Each grade encodes as 3 bits: 0 = unrated, 1 = A, 2 = B, 3 = C, 4 = D, 5 = F. With 5 tools × 8 dimensions = 40 grades × 3 bits = 120 bits, packed into 30 hexadecimal characters as ?rc=<30hex>. The URL is opaque-looking but stable — it survives copy-paste, supports any combination of unrated tools, and decodes deterministically. Add an optional grader name with &n=<hex-utf8>. Send the URL to a teammate; their browser reconstructs your exact grading, and they can edit it to add their own grades or counter-rate tools you skipped.
Are these grades supposed to be objective?

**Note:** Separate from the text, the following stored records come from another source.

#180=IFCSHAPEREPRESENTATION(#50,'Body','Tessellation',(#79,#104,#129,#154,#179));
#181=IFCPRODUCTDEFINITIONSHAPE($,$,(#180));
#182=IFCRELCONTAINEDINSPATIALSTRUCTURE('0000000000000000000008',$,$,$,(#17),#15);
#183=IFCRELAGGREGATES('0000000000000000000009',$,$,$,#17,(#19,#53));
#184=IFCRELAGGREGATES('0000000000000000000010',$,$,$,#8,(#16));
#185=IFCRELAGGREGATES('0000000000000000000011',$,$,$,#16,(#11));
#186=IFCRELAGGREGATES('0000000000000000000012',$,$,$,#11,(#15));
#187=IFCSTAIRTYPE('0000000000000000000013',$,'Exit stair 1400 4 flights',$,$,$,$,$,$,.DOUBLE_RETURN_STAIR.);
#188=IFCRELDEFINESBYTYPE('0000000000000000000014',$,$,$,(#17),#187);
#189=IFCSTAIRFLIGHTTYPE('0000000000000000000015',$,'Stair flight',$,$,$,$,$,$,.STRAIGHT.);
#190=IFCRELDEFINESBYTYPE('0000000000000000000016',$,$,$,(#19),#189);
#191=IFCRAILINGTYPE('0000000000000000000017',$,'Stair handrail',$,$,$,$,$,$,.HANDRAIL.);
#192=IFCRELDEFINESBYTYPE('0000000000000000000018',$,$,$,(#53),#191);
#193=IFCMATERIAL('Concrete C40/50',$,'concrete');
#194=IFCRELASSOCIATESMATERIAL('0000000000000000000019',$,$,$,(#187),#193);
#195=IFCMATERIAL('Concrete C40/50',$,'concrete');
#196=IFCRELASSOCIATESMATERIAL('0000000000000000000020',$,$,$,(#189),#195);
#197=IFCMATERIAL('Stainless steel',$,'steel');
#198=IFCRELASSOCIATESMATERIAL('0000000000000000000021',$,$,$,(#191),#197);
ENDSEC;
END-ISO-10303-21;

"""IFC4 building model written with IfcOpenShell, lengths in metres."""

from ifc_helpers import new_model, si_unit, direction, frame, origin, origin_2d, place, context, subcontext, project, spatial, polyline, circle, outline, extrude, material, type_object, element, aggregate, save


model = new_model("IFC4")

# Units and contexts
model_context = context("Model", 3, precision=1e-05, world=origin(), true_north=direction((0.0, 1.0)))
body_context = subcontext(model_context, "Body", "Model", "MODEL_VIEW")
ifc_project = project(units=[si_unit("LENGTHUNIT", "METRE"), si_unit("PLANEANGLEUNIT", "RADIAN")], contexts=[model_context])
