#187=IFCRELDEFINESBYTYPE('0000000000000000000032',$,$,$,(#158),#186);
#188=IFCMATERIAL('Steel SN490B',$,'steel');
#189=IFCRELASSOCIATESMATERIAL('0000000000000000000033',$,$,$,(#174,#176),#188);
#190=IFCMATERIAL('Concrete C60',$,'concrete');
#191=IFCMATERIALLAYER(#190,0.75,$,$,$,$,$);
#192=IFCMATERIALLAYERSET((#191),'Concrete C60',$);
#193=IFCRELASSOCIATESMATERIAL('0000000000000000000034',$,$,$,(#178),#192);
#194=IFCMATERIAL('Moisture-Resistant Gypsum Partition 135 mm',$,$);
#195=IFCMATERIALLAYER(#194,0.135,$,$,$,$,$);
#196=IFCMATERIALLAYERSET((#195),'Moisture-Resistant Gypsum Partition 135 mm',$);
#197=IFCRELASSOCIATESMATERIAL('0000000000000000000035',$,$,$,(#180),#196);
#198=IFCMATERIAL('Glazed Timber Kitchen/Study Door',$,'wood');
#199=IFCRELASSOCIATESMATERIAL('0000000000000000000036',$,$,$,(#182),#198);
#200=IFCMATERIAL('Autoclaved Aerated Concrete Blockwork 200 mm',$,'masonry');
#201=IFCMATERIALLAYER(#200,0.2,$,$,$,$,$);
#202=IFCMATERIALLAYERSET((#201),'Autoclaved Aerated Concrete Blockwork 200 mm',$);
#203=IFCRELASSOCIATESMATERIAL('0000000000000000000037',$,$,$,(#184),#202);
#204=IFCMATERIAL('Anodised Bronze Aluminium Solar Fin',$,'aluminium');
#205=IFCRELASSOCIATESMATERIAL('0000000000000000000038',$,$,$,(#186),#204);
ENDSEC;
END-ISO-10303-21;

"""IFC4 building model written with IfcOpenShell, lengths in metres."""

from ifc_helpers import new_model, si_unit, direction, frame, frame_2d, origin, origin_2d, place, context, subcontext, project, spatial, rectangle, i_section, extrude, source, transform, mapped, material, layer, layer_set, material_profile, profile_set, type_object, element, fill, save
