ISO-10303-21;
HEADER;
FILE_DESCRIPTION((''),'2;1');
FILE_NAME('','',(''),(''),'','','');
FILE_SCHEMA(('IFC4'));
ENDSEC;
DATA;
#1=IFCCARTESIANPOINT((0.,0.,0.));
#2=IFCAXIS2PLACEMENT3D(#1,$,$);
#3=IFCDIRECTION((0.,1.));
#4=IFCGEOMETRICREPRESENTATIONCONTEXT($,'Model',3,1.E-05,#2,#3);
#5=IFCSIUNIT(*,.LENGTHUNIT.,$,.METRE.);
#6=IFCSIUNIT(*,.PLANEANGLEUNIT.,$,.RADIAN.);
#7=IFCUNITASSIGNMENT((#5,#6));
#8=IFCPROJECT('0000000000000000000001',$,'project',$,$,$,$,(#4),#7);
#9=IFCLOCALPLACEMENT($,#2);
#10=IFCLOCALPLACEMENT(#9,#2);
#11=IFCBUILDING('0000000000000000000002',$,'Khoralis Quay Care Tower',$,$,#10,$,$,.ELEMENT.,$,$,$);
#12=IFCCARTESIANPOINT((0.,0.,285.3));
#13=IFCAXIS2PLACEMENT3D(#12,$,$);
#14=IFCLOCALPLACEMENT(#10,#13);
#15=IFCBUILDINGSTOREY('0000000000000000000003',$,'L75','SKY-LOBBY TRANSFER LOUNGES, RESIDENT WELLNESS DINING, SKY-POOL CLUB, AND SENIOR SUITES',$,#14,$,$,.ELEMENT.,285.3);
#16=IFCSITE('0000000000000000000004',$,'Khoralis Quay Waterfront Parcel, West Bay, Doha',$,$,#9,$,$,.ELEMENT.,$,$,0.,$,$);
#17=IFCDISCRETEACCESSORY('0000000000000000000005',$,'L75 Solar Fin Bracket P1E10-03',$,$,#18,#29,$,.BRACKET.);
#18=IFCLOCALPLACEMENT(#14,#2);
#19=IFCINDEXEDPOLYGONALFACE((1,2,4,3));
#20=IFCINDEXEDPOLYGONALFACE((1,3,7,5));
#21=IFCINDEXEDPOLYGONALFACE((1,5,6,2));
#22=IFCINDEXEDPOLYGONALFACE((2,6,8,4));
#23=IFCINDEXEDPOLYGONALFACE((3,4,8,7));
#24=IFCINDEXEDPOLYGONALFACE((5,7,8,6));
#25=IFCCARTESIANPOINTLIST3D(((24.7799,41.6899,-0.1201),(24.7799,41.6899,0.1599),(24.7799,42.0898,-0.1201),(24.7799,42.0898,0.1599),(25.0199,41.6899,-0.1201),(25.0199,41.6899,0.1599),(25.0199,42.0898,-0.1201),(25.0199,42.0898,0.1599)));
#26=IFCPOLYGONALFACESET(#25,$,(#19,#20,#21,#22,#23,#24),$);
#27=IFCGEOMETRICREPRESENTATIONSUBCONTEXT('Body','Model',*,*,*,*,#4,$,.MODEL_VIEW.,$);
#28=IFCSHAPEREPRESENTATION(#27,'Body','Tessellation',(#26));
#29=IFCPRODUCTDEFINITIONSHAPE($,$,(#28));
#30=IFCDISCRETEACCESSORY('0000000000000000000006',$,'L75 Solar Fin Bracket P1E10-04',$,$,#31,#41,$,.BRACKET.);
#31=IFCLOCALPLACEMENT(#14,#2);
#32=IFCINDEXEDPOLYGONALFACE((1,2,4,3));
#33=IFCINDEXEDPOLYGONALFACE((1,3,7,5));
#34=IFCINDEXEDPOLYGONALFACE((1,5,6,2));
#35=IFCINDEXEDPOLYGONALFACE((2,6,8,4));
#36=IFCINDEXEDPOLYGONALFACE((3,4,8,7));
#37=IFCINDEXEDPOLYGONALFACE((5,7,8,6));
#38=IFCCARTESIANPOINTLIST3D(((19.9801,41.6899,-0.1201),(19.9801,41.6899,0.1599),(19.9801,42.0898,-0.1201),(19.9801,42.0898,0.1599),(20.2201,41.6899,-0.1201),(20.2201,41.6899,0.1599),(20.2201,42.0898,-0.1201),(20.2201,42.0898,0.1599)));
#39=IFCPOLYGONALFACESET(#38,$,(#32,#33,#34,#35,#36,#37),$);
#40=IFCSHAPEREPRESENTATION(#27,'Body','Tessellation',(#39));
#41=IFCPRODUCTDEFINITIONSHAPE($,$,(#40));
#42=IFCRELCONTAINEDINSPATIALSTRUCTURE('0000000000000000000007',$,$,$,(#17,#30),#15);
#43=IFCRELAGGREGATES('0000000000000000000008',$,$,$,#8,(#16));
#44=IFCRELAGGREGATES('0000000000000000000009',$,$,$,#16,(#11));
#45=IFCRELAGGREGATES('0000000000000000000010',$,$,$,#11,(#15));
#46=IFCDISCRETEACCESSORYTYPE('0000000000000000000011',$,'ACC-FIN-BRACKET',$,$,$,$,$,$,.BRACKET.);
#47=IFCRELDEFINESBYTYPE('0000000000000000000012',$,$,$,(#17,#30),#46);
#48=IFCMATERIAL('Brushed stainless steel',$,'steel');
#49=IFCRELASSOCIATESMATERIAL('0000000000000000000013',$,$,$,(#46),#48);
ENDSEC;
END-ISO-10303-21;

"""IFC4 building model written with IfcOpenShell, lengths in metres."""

from ifc_helpers import new_model, si_unit, direction, frame, origin, origin_2d, place, context, subcontext, project, spatial, rectangle, extrude, source, transform, mapped, material, type_object, element, save


model = new_model("IFC4")

# Units and contexts
model_context = context("Model", 3, precision=1e-05, world=origin(), true_north=direction((0.0, 1.0)))
body_context = subcontext(model_context, "Body", "Model", "MODEL_VIEW")
ifc_project = project(units=[si_unit("LENGTHUNIT", "METRE"), si_unit("PLANEANGLEUNIT", "RADIAN")], contexts=[model_context])

# Site, building, storey
site_placement = place(None, origin())
site = spatial("IfcSite", under=ifc_project, at=site_placement, Name="Khoralis Quay Waterfront Parcel, West Bay, Doha", CompositionType="ELEMENT", RefElevation=0.0)
building_placement = place(site_placement, origin())
building = spatial("IfcBuilding", under=site, at=building_placement, Name="Khoralis Quay Care Tower", CompositionType="ELEMENT")
storey_placement = place(building_placement, frame((0.0, 0.0, 285.3)))
storey = spatial("IfcBuildingStorey", under=building, at=storey_placement, Name="L75", Description="SKY-LOBBY TRANSFER LOUNGES, RESIDENT WELLNESS DINING, SKY-POOL CLUB, AND SENIOR SUITES", CompositionType="ELEMENT", Elevation=285.3)

# Discrete accessories
ifc_material_1 = material(Name="Brushed stainless steel", Category="steel")
discrete_accessory_type = type_object("IfcDiscreteAccessoryType", Name="ACC-FIN-BRACKET", PredefinedType="BRACKET", material=ifc_material_1)
shared_shape_1 = source(origin(), body_context, "Body", "SweptSolid", [
    extrude(rectangle(XDim=0.3999, YDim=0.24, at=origin_2d()), origin(), (0.0, 0.0, 1.0), 0.28),
])
for number, where, z_axis, x_axis, name in (
    (1, (24.8999, 41.8899, -0.1201), (0.0, 0.0, 1.0), (0.0, 1.0, 0.0), "L75 Solar Fin Bracket P1E10-03"),
    (2, (20.1001, 41.8899, -0.1201), (0.0, 0.0, 1.0), (0.0, 1.0, 0.0), "L75 Solar Fin Bracket P1E10-04"),
):
    element("IfcDiscreteAccessory", number, at=place(storey_placement, frame(where, z_axis=z_axis, x_axis=x_axis)), inside=storey, type_object=discrete_accessory_type, Name=name, PredefinedType="BRACKET", context=body_context, shape_type="MappedRepresentation", body=[
        mapped(shared_shape_1, transform((0.0, 0.0, 0.0), scale=1.0)),
    ])

save(model, "model.ifc")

No. The whole point is that AI tool quality is workload-dependent and team-dependent. A tool that's A-grade for greenfield React work might be C-grade for legacy Rails refactoring. The Report Card is a structured way to share your specific experience — the value is the dimensional breakdown, not a universal ranking. If your team has 4 different report cards for the same tool, that's information about the workload diversity, not about which rater is wrong. Compare URLs in your team chat and have the argument with structure instead of vibes.
Why no Cursor-specific tier breakdown (Tab vs Composer vs Agent)?
The Report Card grades the tool as a whole because most teams pick a tool and use the modes interchangeably; the friction of switching modes counts against the tool's ergonomic-friction grade. If you want to grade Cursor Tab and Cursor Composer separately you can — duplicate the share URL with one row blank and tag the URL with &n=cursor-tab vs &n=cursor-composer. The tool-decision-flowchart is the better surface if you want a workflow-by-workflow recommendation rather than per-tool grades.